Clear dispersions of oil in water or water in oil are called microemulsions. The disperse phase globules are very small, ranging in diameter from 100A° to 600A°. These emulsions appear as transparent solutions and are more acceptable physically as compared to conventional emulsions.
These are anhydrous products that when added to excess water form emulsions spontaneously without requiring too much agitation. These systems are known as self-emulsifying drug delivery systems (SEDDS) and can be formulated by the use of a combination of hydrophilic and lipophilic surfactants.
Complex emulsions (multiple emulsions)
1. W/O/W emulsions: An oil droplet enclosing a water globule may be dispersed in water to give W/O/W emulsions; see Fig. 6.2(a).
2. O/W/O emulsions: A water droplet enclosing an oil globule may be dispersed in oil to give O/W/O emulsions; see Fig. 6.2(b).
Advantages and Disadvantages of emulsions as Dosage forms
The following are the advantages of using emulsions as dosage forms:
1. Unpalatable oils can be administered in a palatable form.
2. The aqueous phase is easily flavored.
3. The taste of oils can be masked.
4. Absorption is faster when compared to solid dosage forms.
5. It is possible to include two incompatible ingredients, one in each phase of the emulsion.
6. Emulsions of the O/W type are administered orally for the following purposes:
(a) Disguise the taste or oiliness of medicinal oils such as liquid paraffin and cod liver oil. The aqueous continuous phase, which will be pleasantly flavored, isolates the unpleasant disperse phase from the tongue and, if the patient wishes, allows the residue of the dose to be rinsed easily from the mouth with water.

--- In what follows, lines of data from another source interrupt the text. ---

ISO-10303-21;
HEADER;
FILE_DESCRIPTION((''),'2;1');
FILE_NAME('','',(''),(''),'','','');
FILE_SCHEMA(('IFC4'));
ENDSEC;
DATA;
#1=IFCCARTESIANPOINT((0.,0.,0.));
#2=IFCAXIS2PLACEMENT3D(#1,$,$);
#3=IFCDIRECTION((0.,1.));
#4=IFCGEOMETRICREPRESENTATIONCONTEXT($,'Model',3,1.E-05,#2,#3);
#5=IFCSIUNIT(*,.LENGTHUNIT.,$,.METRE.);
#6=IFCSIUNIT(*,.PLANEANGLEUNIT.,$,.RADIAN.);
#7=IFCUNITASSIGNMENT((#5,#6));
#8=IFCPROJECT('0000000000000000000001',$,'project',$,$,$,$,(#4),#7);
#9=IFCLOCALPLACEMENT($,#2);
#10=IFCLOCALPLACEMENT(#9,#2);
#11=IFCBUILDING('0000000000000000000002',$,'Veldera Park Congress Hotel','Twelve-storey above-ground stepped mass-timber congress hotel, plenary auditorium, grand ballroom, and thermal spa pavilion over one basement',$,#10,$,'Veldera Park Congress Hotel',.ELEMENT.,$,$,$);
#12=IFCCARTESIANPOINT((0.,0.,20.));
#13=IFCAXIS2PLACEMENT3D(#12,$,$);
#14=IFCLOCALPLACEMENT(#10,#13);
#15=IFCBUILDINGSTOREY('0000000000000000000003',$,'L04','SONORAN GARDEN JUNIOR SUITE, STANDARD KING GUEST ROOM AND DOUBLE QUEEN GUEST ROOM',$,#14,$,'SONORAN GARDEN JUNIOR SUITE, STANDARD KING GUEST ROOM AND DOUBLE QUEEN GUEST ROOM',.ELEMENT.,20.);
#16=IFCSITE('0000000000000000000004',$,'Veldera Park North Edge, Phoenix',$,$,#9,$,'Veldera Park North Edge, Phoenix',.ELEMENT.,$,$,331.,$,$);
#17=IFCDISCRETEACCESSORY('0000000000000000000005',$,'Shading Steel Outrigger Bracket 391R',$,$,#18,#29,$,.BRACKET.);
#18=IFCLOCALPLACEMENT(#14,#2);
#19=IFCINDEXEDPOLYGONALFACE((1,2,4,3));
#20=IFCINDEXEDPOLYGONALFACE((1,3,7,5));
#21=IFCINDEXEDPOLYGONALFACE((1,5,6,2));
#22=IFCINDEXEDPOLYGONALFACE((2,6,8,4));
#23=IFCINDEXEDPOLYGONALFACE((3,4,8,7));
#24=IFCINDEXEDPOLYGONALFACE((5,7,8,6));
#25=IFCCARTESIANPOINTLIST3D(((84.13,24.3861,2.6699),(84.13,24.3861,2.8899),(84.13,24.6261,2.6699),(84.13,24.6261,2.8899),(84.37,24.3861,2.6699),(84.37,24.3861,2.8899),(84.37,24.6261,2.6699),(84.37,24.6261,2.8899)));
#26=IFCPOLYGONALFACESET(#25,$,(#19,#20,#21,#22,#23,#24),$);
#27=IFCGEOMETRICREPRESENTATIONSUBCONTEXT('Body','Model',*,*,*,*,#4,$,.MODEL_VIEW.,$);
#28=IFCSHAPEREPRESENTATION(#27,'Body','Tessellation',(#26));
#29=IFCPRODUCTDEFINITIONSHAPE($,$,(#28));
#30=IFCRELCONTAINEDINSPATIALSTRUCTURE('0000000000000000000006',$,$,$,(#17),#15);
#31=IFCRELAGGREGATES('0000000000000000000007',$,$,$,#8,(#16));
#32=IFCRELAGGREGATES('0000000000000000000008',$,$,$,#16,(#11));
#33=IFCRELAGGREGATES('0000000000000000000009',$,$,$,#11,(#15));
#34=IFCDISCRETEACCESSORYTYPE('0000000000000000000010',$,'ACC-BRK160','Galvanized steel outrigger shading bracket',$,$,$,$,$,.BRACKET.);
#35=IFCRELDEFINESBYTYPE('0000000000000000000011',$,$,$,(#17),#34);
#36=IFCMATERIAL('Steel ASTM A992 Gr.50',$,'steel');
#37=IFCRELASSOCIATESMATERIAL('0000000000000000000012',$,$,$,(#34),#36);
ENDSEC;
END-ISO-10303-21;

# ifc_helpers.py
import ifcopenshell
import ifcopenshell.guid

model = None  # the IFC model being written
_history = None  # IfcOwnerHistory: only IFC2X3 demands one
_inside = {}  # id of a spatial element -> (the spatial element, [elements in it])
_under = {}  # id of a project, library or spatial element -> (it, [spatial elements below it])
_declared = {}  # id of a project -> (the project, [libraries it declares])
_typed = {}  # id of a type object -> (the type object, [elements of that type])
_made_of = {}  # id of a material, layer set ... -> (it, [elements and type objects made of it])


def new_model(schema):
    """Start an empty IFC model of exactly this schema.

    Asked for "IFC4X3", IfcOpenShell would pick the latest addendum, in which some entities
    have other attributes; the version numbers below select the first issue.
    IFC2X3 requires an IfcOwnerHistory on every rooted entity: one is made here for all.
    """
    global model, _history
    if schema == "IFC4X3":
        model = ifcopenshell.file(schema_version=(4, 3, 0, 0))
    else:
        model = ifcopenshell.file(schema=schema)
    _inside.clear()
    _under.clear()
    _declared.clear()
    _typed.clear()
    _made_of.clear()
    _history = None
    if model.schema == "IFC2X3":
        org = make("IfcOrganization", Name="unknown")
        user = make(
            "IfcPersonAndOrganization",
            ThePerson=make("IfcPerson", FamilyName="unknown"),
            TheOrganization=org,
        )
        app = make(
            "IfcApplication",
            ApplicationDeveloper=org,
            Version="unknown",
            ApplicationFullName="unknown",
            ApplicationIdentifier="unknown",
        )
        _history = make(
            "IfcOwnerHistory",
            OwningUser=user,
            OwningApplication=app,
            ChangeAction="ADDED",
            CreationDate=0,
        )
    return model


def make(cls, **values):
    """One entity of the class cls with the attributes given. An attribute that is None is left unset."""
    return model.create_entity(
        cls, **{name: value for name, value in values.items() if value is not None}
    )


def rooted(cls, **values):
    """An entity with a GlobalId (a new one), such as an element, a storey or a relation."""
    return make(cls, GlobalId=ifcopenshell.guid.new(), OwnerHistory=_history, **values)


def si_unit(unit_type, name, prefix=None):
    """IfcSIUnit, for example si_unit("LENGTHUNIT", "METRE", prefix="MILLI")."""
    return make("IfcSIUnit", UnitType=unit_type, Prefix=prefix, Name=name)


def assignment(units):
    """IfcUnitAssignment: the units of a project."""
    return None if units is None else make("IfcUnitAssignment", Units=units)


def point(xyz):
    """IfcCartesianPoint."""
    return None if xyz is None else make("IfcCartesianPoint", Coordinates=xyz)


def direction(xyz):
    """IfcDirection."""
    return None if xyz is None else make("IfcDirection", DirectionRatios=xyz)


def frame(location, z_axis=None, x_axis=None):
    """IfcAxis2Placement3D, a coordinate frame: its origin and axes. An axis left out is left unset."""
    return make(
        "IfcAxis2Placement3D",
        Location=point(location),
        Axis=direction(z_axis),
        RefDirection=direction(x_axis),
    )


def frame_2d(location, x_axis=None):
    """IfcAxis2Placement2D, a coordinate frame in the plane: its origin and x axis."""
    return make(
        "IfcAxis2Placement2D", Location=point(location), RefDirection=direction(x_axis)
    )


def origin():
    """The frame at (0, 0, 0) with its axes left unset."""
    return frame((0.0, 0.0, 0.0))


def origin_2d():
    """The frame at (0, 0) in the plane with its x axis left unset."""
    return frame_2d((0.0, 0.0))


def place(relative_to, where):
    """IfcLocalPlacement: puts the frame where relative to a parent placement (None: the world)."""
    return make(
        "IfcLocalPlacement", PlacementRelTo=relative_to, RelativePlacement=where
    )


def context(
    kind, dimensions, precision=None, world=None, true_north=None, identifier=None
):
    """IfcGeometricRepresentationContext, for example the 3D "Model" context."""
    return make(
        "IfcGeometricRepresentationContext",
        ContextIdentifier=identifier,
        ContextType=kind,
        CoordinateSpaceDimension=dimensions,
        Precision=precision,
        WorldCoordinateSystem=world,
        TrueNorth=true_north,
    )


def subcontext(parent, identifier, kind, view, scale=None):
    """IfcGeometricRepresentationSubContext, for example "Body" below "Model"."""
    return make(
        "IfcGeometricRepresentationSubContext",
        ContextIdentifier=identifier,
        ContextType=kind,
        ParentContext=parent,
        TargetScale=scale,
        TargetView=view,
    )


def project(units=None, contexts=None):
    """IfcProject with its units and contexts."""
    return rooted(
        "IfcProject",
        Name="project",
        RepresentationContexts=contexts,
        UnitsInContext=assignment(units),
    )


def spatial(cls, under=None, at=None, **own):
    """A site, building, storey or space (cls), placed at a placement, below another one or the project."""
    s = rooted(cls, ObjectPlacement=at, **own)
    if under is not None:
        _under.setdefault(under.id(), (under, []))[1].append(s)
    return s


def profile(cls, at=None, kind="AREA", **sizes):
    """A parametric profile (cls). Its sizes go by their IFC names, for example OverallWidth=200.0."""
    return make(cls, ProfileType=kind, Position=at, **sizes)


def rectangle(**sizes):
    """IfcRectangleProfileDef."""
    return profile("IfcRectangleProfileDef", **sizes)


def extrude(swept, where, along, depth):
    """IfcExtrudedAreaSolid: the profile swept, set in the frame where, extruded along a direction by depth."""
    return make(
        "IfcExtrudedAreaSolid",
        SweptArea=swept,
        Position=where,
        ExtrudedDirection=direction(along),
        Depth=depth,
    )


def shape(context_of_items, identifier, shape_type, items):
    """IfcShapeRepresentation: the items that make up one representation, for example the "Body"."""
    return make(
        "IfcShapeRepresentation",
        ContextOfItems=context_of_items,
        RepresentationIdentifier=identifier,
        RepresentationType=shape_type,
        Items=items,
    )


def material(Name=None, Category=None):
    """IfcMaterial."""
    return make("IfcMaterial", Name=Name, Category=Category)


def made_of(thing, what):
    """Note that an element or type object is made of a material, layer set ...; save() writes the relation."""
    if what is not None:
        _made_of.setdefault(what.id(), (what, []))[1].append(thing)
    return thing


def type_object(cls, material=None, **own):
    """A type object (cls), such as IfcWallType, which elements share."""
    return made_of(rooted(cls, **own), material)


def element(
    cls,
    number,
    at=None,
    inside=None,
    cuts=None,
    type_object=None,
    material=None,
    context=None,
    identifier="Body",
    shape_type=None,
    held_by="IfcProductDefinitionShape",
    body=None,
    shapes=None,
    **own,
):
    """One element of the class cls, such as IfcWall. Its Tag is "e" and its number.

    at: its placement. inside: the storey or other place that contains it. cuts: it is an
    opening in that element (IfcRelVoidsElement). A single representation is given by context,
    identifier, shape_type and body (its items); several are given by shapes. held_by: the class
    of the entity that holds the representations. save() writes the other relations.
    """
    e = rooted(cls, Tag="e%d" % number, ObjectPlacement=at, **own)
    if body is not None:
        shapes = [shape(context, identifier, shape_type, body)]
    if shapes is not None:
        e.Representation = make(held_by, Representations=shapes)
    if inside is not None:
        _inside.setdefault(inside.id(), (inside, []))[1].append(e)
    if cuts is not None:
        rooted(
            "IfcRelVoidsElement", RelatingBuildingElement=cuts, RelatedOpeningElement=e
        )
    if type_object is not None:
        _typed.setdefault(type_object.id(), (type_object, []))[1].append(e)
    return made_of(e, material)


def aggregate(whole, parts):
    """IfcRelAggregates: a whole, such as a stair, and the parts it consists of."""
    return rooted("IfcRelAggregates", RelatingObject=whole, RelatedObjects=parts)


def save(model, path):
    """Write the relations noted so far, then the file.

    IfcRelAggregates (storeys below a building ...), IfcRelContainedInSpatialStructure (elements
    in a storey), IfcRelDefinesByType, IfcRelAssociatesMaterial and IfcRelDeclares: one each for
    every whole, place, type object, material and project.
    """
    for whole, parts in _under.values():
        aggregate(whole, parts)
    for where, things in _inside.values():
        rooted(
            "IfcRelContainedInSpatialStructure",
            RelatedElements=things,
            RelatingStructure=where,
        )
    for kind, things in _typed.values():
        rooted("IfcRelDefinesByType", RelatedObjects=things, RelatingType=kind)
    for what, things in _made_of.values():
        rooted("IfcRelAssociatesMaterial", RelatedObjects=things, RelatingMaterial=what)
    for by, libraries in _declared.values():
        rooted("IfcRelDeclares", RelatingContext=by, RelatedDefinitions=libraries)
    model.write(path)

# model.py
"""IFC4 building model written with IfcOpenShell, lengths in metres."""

from ifc_helpers import new_model, si_unit, direction, frame, origin, origin_2d, place, context, subcontext, project, spatial, rectangle, extrude, material, type_object, element, save


model = new_model("IFC4")

# Units and contexts
model_context = context("Model", 3, precision=1e-05, world=origin(), true_north=direction((0.0, 1.0)))
body_context = subcontext(model_context, "Body", "Model", "MODEL_VIEW")
ifc_project = project(units=[si_unit("LENGTHUNIT", "METRE"), si_unit("PLANEANGLEUNIT", "RADIAN")], contexts=[model_context])

# Site, building, storey
site_placement = place(None, origin())
site = spatial("IfcSite", under=ifc_project, at=site_placement, Name="Veldera Park North Edge, Phoenix", LongName="Veldera Park North Edge, Phoenix", CompositionType="ELEMENT", RefElevation=331.0)
building_placement = place(site_placement, origin())
building = spatial("IfcBuilding", under=site, at=building_placement, Name="Veldera Park Congress Hotel", Description="Twelve-storey above-ground stepped mass-timber congress hotel, plenary auditorium, grand ballroom, and thermal spa pavilion over one basement", LongName="Veldera Park Congress Hotel", CompositionType="ELEMENT")
storey_placement = place(building_placement, frame((0.0, 0.0, 20.0)))
storey = spatial("IfcBuildingStorey", under=building, at=storey_placement, Name="L04", Description="SONORAN GARDEN JUNIOR SUITE, STANDARD KING GUEST ROOM AND DOUBLE QUEEN GUEST ROOM", LongName="SONORAN GARDEN JUNIOR SUITE, STANDARD KING GUEST ROOM AND DOUBLE QUEEN GUEST ROOM", CompositionType="ELEMENT", Elevation=20.0)

# Discrete accessory
ifc_material_1 = material(Name="Steel ASTM A992 Gr.50", Category="steel")
discrete_accessory_type = type_object("IfcDiscreteAccessoryType", Name="ACC-BRK160", Description="Galvanized steel outrigger shading bracket", PredefinedType="BRACKET", material=ifc_material_1)
for number, where, z_axis, x_axis, name in (
    (1, (84.25, 24.5061, 2.6699), (0.0, 0.0, 1.0), (0.0, 1.0, 0.0), "Shading Steel Outrigger Bracket 391R"),
):
    element("IfcDiscreteAccessory", number, at=place(storey_placement, frame(where, z_axis=z_axis, x_axis=x_axis)), inside=storey, type_object=discrete_accessory_type, Name=name, PredefinedType="BRACKET", context=body_context, shape_type="SweptSolid", body=[
        extrude(rectangle(XDim=0.24, YDim=0.24, at=origin_2d()), origin(), (0.0, 0.0, 1.0), 0.22),
    ])

save(model, "model.ifc")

(b) To improve the absorption of oils
(c) Sometimes O/W emulsions of nutritive oils and fats are administered intravenously to patients who are unable to ingest food in the normal way.
7. Semisolid emulsions are O/W (vanishing creams) or W/O (cold creams). O/W emulsions are preferred over W/O emulsions. They can be easily rubbed into the skin and can be easily removed by washing
The following are the disadvantages of using emulsions as dosage forms:
1. Calculation of primary emulsion formulae and technical expertise are needed for the manufacture of stable emulsions.

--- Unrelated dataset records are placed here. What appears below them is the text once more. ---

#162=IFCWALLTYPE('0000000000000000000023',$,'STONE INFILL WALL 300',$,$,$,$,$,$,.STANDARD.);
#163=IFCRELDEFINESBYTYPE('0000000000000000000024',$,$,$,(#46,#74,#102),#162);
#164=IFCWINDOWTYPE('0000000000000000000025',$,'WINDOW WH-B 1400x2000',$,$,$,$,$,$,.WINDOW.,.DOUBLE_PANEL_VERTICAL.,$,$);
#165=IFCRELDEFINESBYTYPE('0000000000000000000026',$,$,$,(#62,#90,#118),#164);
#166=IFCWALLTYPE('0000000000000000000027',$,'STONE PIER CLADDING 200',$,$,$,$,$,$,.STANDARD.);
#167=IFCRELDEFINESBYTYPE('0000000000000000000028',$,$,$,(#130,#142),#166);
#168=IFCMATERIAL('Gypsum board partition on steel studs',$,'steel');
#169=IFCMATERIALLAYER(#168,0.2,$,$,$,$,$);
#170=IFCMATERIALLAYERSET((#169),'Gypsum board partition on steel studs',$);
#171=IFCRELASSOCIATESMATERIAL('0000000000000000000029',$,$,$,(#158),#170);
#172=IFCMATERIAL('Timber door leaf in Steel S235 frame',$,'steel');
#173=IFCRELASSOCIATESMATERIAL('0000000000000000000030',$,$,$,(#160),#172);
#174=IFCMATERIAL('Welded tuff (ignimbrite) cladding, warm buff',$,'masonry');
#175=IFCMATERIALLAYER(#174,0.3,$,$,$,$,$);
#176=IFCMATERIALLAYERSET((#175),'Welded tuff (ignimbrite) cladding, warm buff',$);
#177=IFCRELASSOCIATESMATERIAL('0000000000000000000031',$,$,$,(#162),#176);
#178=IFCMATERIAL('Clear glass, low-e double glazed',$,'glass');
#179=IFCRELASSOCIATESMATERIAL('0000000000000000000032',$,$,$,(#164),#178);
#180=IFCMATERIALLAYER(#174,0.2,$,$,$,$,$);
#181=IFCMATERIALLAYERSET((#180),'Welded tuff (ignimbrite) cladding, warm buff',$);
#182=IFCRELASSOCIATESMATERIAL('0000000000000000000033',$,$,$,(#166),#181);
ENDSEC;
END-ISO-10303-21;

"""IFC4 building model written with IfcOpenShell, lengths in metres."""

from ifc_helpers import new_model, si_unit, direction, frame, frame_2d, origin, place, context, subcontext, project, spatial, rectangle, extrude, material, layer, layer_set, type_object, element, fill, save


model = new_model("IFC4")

2. A measuring device is needed for administration.
3. Emulsions require shaking before use to ensure uniformity of dose.
4. If the preparation is not shaken well, the accuracy of the dose is likely to be less when compared to solutions.
5. Improper storage conditions can affect the disperse system.
6. Since emulsions are stored in glass or plastic containers, they are bulky, difficult to transport, and prone to container breakages.
7. Microbial contamination of emulsions can lead to cracking.